Julia Newton’s group at Newcastle University found reduced mitochondria function [6] in both severely and moderately affected patients. Interestingly, they found “disease severity does not correlate with mitochondrial function and even those with a moderate form of the disease show evidence of mitochondrial dysfunction.” This means the mitochondria function is more like a switch flipped for all patients than a gradient of effect or finding only in a subset. However, severely affected patients did have greater respiratory acidification due to impairments in glycolysis not seen in moderate ones. A straightforward interpretation would be impairment to mitochondrial function is a prerequisite for disease but that downstream effects of disease can impair vital cellular processes like glycolysis.

Another new study by Bhupesh Prusty of the University of Wurzburg, and UCSD’s Robert Naviaux has found that mitochondria from ME patients show dramatic fragmentation in comparison to controls [7][8].

In an experiment with culture cells with latent HHV-6 (containing Human Herpesvirus 6 DNA–but not actual virus particles) chemical reactivation of HHV-6 resulted in the production of several viral RNAs but not major viral proteins. Significantly, Prusty and Naviaux found HHV-6 reactivation induced mitochondrial fragmentation, oxidative changes, and decreased antiviral resistance. When fluid from the cell culture of the HHV-6 reactivated cells was transferred to a new group of cells (not exposed to HHV-6), mitochondrial fragmentation and oxidative changes also occurred in these cells but with increased antiviral resistance! [8]

The last experiment involved transferring not HHV-6 infected cell culture fluid but rather blood serum from ME patients to new cells. This serum transfer induced an identical state of mitochondrial fragmentation, oxidative change, and antiviral resistance! These experiments show that one or more molecule types induced by HHV-6 reactivation are secreted to the outer fluid and can function to induce mitochondrial fragmentation, oxidative changes, and antiviral properties in distant cells. Not only that, but the serum of ME patients acts in exactly this manner (suggesting we have a molecular factor(s) in our blood similar, or the same as, that secreted by the HHV-6 reactivated cells–and which is causing harmful changes to our mitochondria).

A common thread to mitochondrial findings by both Davis and Prusty is the presence of a serum factor, or factors, which could be transferred to the cells of healthy people and inflict the ME cells’ phenotype on well cells. How far this commonality extends (for instance whether serum factor(s) found in Davis’s impedance study is the same as the factor(s) found in Prusty’s study of mitochondrial fragmentation) is currently unknown.
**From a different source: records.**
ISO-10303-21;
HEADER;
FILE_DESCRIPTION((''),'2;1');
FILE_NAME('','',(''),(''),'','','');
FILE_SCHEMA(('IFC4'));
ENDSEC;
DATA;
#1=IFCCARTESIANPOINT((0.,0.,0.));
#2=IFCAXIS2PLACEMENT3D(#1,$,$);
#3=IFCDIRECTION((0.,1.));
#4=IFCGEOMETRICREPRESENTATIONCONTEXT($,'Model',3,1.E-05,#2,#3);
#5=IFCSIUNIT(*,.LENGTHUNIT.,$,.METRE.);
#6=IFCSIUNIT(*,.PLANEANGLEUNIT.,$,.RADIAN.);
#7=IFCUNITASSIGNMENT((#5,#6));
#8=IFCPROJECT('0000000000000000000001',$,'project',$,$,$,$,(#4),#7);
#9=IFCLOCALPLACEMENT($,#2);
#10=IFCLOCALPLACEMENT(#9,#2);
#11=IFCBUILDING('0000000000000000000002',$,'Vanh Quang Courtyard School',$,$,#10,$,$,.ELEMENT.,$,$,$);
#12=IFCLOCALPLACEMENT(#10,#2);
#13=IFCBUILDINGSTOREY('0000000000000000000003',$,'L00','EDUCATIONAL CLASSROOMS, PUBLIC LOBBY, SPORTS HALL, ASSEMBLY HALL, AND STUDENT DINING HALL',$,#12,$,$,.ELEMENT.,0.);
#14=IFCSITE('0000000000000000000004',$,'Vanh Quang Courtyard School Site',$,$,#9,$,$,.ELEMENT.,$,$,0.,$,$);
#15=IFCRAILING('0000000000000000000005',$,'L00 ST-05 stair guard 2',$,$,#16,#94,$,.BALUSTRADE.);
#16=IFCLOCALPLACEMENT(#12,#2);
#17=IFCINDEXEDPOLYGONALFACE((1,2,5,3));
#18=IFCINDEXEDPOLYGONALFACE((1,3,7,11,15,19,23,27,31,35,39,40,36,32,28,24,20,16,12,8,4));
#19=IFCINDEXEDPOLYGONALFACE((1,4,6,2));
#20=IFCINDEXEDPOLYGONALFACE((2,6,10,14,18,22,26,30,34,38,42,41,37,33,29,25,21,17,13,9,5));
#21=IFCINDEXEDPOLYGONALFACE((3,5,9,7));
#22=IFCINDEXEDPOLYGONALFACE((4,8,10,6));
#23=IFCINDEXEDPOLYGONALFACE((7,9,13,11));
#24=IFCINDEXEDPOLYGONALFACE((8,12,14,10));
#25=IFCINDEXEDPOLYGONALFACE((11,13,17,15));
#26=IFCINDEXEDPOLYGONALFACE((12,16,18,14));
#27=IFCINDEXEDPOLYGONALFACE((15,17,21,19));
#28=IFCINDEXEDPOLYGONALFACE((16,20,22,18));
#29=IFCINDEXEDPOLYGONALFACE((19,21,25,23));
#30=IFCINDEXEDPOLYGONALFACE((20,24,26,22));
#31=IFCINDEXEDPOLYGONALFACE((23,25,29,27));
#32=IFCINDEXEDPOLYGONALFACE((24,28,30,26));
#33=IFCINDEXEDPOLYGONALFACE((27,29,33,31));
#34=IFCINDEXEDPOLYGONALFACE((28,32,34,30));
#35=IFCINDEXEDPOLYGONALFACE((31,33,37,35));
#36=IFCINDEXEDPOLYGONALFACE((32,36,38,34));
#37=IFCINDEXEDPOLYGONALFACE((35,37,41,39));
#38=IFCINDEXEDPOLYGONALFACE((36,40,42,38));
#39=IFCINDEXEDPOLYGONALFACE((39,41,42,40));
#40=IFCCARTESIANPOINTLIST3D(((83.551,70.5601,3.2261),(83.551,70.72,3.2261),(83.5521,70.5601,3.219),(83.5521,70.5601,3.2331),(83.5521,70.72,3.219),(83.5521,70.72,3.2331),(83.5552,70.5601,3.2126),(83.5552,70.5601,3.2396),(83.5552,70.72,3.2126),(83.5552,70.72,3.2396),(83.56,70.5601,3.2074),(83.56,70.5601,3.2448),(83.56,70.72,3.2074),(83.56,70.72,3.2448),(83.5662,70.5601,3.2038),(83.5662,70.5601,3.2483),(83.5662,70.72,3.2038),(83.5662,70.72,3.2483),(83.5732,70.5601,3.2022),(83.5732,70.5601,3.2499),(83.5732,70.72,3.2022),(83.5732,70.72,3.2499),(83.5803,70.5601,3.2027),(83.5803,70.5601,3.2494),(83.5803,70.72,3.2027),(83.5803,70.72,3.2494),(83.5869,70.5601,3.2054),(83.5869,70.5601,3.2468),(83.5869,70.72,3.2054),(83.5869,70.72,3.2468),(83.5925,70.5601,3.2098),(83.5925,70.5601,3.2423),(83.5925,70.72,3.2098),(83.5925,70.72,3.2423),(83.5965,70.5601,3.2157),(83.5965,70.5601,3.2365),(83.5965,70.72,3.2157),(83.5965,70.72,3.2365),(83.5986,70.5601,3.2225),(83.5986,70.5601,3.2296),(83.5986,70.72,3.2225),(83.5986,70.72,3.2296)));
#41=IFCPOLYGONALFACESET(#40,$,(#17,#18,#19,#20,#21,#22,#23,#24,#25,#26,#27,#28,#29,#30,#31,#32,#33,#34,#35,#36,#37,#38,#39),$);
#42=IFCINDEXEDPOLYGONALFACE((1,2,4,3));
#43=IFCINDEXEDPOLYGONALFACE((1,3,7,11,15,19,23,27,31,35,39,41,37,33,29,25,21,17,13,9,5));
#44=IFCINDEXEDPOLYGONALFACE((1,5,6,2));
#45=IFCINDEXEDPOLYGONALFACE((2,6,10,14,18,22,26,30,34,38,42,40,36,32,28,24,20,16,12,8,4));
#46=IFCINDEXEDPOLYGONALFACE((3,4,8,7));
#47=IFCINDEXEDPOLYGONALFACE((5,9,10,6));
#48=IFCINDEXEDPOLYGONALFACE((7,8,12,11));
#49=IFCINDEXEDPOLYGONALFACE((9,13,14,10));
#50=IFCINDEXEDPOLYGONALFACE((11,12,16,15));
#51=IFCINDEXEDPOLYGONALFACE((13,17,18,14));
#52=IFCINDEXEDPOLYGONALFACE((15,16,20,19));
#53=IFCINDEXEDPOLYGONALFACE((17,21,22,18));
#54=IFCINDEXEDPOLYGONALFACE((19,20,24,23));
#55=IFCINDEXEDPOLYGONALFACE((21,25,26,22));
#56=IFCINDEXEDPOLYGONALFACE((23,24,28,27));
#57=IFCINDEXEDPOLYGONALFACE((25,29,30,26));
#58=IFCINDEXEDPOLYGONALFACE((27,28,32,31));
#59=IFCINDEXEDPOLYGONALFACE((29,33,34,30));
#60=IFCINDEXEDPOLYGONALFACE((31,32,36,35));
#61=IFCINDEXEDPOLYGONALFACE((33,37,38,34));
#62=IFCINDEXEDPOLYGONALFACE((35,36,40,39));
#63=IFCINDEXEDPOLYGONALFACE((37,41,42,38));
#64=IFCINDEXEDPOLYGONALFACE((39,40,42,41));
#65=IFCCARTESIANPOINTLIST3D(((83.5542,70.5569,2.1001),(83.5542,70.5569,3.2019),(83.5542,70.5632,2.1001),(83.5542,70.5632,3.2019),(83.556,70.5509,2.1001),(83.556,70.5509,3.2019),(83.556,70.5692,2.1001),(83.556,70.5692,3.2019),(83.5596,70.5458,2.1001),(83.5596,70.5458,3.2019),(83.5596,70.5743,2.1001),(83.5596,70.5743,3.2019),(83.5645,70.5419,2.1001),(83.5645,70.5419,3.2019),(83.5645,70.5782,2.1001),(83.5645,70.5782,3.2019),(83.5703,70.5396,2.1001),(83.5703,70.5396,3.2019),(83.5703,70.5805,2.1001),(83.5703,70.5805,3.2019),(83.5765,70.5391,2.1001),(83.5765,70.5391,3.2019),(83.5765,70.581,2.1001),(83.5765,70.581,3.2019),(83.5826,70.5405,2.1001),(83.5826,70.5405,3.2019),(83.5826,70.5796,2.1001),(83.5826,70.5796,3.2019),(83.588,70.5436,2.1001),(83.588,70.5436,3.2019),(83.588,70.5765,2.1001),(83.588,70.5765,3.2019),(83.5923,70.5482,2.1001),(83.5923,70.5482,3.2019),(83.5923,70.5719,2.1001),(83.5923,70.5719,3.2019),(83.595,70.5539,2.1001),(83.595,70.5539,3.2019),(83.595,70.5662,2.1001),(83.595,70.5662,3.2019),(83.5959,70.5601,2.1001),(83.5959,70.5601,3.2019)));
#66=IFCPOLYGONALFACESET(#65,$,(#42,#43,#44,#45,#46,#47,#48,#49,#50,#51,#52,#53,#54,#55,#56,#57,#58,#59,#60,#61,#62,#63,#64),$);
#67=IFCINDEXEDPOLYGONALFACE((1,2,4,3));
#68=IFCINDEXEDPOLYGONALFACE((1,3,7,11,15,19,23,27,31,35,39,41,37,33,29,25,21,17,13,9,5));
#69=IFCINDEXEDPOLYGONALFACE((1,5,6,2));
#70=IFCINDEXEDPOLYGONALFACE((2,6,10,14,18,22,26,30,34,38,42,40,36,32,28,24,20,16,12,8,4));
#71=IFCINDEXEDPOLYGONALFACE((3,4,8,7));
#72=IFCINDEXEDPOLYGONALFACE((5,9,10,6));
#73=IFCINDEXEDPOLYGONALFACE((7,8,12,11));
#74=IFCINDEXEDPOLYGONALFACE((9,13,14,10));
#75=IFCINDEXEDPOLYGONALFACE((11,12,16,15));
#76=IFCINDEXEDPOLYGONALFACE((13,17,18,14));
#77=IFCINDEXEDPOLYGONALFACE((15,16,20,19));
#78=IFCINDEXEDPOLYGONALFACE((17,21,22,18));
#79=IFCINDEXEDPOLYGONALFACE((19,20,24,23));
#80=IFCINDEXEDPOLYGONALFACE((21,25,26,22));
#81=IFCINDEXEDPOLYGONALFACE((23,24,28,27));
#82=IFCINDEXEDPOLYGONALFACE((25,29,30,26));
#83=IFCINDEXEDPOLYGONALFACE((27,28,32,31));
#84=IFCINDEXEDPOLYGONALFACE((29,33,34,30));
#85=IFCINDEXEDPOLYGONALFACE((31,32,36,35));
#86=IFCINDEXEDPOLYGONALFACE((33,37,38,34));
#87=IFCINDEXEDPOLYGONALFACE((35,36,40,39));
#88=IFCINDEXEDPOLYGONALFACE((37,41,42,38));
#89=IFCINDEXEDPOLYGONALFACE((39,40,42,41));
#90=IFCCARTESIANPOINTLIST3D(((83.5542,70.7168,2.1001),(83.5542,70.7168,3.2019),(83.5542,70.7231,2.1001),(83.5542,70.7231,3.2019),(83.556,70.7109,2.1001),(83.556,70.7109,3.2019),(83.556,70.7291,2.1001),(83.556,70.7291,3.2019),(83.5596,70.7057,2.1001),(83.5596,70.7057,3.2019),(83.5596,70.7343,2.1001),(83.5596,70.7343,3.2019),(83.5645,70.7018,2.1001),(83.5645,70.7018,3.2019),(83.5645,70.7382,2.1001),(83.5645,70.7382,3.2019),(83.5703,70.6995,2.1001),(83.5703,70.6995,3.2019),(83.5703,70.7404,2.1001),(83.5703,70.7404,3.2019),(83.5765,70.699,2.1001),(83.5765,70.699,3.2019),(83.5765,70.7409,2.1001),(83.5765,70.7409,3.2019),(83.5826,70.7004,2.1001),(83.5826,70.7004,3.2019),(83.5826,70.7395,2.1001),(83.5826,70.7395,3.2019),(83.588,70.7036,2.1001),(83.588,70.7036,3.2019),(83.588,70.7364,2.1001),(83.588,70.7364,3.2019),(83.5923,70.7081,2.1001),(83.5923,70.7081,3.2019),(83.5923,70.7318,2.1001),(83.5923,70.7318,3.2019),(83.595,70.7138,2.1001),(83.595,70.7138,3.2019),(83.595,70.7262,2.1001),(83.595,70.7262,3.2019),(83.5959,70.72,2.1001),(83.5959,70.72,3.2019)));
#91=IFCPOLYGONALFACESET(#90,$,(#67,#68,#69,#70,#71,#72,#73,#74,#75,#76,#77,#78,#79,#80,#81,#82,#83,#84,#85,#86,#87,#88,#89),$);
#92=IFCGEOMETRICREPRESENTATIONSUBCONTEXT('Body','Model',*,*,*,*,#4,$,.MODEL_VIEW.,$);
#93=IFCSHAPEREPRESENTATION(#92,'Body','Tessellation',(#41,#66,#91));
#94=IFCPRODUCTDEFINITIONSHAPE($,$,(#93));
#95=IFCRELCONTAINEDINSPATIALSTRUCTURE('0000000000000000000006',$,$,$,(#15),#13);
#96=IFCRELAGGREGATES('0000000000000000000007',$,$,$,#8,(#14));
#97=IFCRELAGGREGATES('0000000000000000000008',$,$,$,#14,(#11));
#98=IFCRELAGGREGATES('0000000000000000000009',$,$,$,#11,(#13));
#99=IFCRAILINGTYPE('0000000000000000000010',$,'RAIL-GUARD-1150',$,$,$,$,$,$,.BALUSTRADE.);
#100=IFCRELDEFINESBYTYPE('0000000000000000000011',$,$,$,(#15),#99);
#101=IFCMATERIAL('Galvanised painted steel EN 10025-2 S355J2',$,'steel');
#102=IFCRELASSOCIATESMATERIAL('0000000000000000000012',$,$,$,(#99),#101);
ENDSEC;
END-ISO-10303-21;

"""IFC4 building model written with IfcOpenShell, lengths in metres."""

from ifc_helpers import new_model, si_unit, direction, frame, origin, origin_2d, place, context, subcontext, project, spatial, circle, extrude, material, type_object, element, save


model = new_model("IFC4")

# Units and contexts
model_context = context("Model", 3, precision=1e-05, world=origin(), true_north=direction((0.0, 1.0)))
body_context = subcontext(model_context, "Body", "Model", "MODEL_VIEW")
ifc_project = project(units=[si_unit("LENGTHUNIT", "METRE"), si_unit("PLANEANGLEUNIT", "RADIAN")], contexts=[model_context])

# Site, building, storey
site_placement = place(None, origin())
site = spatial("IfcSite", under=ifc_project, at=site_placement, Name="Vanh Quang Courtyard School Site", CompositionType="ELEMENT", RefElevation=0.0)
building_placement = place(site_placement, origin())
building = spatial("IfcBuilding", under=site, at=building_placement, Name="Vanh Quang Courtyard School", CompositionType="ELEMENT")
storey_placement = place(building_placement, origin())
storey = spatial("IfcBuildingStorey", under=building, at=storey_placement, Name="L00", Description="EDUCATIONAL CLASSROOMS, PUBLIC LOBBY, SPORTS HALL, ASSEMBLY HALL, AND STUDENT DINING HALL", CompositionType="ELEMENT", Elevation=0.0)

# Railing
ifc_material_1 = material(Name="Galvanised painted steel EN 10025-2 S355J2", Category="steel")
railing_type_1 = type_object("IfcRailingType", Name="RAIL-GUARD-1150", PredefinedType="BALUSTRADE", material=ifc_material_1)
railing_1_placement = place(storey_placement, frame((83.575, 70.5601, 2.1001)))
element("IfcRailing", 1, at=railing_1_placement, inside=storey, type_object=railing_type_1, Name="L00 ST-05 stair guard 2", PredefinedType="BALUSTRADE", context=body_context, shape_type="SweptSolid", body=[
    extrude(circle(Radius=0.0239, at=origin_2d()), frame((0.0, 0.0, 1.126), z_axis=(0.0, 1.0, 0.0), x_axis=(-1.0, 0.0, 0.0)), (0.0, 0.0, 1.0), 0.1599),
    extrude(circle(Radius=0.021, at=origin_2d()), origin(), (0.0, 0.0, 1.0), 1.1018),
    extrude(circle(Radius=0.021, at=origin_2d()), frame((0.0, 0.1599, 0.0)), (0.0, 0.0, 1.0), 1.1018),
])

save(model, "model.ifc")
There are two main implications:

1. As a blood serum factor, or factors, is sufficient to induce a damaged, low-energy state this state may be reversible if this factor–or its causes–can be blocked or removed from the organism.
2. As widespread mitochondrial fragmentation is sufficient to cause a body-wide low energy state, using the principle of only invoking needed changes (Parsimony Principle) it makes sense to assume this fragmentation, and cellular-energetic loss, is part of the core disease mechanism in ME.

One of the exciting aspects of mitochondrial research is, given the pervasive impact of mitochondrial health on the cell, a deeper understanding of many earlier abnormal discoveries and observations may be gained through understanding the abnormalities of mitochondria in ME.

Some of the most precocious intra-cellular findings stem from the finding of an abnormal, cleaved, 37 kiloDalton RNase L and dramatic reduction in actin in patients’ cells by the late Robert Suhadolnik [9]. In “Chronic Fatigue Syndrome: a biological approach” [10], by Kenny De Meirleir and colleagues, these findings are expanded into a panoply of intra-cellular dysregulation including defective activation of RNase L by 2-5-A dimers produced by 2-5’A oligoadenylate synthetase, cleavage of Rnase L by m-calpain, and abnormalities in the cell state reminiscent of incompletely induced apoptosis (an essential cell disposal process culminating in cell death). Given the role of mitochondria in both cellular energy and apoptosis, it is hoped that the mitochondrial fragmentation research and antiviral induction research can explain the significance of these findings in a panoramic manner.

One indicator of scientific progress is the ability to place important observations in a single theoretical framework. The findings of induction of mitochondrial fragmentation and a cellular viral resistance state by patient serum could explain one such finding: the impairment of pyruvate dehydrogenase found by Fluge and Mella of Haukeland University, Norway. Prusty’s findings indicated that the mitochondrial fragmentation (caused by both patient serum and HHV-6 infected cell supernatant) potently impaired this very complex!

However starved our own mitochondria may be, this is a very exciting time for mitochondria research in ME and we must ensure these researchers are not starved of funding!